Memory Efficient Prefilling

Note that token representations are independent of each other. If we have sequence length T, and hidden dim d, for N block representations, we have Ntd elements, incurring 15GB of memory for a 128k long sequence with 8 blocks. Since the tokens are independent, instead, we shard them by sequence dimension along tensor parallel devices (i.e. all devices are on the same node, high speed bandwidth). We compute the softmax statistics for each chunk of the sequence, then merge these results at the end. This way, the per-GPU memory can be lowered from 15GB to roughly 1.9GB per device (assuming 8 H100 GPUs per node). With chunked prefill, at 16k chunk size, the overhead can be further reduced to 0.3GB per device.

Experiments

The authors use the Kimi Linear architecture, details of which can be found here. There is only one RMSNorm and one pseudo-query vector per layer, initialised to 0 to allow uniformity across all layers

Scaling Laws

Sweeping across five model sizes for three variants per size - PreNorm baseline, Full AttnRes and Block AttnRes (8 blocks) - the authors fit power law curves  L = A x C- alpha where L is validation loss and C is compute measure in PFLOPs-days. By comparing where each curve sits given a fixed compute budget, we can find how much additional compute would be needed for the baseline to match AttnRes loss. Based on experiments, Full AttnRes shows a 1.25x compute advantage over PreNorm baseline, indicating that baseline needs 25% more compute to achieve the same loss as Full AttnRes. 

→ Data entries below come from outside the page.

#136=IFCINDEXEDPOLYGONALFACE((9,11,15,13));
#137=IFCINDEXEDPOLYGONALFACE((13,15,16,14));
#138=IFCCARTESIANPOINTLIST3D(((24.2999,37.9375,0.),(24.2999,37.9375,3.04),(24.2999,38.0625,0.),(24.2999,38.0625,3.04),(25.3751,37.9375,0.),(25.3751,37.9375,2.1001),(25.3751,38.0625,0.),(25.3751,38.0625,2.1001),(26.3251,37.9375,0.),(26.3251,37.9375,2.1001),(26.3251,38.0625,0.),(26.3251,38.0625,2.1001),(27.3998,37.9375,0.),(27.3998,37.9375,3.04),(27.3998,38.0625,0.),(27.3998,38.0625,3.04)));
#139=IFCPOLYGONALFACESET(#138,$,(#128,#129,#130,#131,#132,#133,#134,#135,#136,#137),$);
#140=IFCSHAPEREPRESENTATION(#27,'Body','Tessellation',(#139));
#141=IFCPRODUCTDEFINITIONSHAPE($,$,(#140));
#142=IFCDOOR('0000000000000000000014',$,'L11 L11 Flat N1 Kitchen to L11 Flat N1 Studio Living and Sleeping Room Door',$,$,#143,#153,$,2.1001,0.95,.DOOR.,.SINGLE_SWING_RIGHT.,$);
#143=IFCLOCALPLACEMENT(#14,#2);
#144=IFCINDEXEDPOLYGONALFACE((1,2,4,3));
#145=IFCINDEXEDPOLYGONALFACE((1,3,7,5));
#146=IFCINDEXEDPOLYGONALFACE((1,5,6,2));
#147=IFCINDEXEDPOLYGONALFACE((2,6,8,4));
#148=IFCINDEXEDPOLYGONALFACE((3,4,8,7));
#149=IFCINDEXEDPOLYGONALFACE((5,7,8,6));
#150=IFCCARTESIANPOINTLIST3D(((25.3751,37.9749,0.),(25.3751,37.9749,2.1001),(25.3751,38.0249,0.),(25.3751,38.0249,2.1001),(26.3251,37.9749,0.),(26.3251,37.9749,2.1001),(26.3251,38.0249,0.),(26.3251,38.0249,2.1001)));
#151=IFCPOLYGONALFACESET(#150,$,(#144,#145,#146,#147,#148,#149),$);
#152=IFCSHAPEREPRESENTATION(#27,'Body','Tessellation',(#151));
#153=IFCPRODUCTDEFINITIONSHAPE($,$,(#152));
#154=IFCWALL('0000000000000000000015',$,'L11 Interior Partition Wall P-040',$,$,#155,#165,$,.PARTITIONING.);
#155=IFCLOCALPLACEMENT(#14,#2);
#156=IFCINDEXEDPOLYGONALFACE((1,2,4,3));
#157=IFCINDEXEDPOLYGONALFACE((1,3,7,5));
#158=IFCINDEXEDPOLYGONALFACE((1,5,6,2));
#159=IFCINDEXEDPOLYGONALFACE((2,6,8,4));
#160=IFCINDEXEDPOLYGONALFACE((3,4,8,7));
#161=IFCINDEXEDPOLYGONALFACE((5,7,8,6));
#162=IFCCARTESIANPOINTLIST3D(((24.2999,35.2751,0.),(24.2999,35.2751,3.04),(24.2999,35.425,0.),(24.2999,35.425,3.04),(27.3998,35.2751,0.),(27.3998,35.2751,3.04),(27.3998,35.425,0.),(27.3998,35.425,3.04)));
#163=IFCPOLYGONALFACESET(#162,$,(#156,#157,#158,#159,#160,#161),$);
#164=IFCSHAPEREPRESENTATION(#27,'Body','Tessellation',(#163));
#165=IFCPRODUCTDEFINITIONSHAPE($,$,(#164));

The below is a log-log plot to fit power loss curve, i.e. Y-Axis is log(L) and X-Axis is log(A) - alpha log(C). Once plotted, we want to compare the compute gap needed to achieve the same validation loss as the best performing one

Please Note

Training Stability

When training variants of Kimi 48B with PreNorm Baseline and Block AttnRes, the authors note the following

  • The validation loss of Block AttnRes is consistently lower than the baseline across all steps 

  • The output magnitudes of the layers remain relatively stable, while those of the baseline tend to explode towards the later layers. Hidden state magnitudes grow monotonically with depth, so the deeper layers in baseline are forced to learn large outputs to remain influential. Block AttnRes resolves this with dynamic weighting of incoming residual stream.

  • The gradient magnitudes also remain stable across layers, indicating that it helps with the vanishing gradient problem. The authors attribute this to the fact that the baseline provides no clear path for gradient flow, while with AttnRes, there is increased competition for probability mass, resulting in a more stable and uniform gradient distribution.  

  • Across standard benchmarks such as MMLU-Pro, GSM8k, etc. Block AttnRes consistently outperforms Baseline

Analyzing AttnRes Patterns

  1. Locality is preserved - most layers tend to only gain access to closest layers before them, but in some cases they do go back further 

  2. Layers specialization - The embedding values continue to retain non-trivial weight throughout, especially in pre-attention layers. Pre-MLP inputs show sharper reliance on more recent representations, while pre-attention inputs tend to intermix information from different layers, highlighting that attention layers are routing information across layers while MLPs tend to operate more locally. 

Residual Connections as Structured Matrices

All residual variants may be viewed as weighted aggregations over previous layer outputs, referred to as a depth-mixing matrix. The variants of how these residual connections are formed depends on the nature of this matrix, which allows us to interpret them, like we highlighted in our 16th Edition and 14th Edition. Through this, we can also determine what formulation of the kernel function provides the best properties. The reader is invited to refer to section 6 of the paper for a deeper mathematical treatment.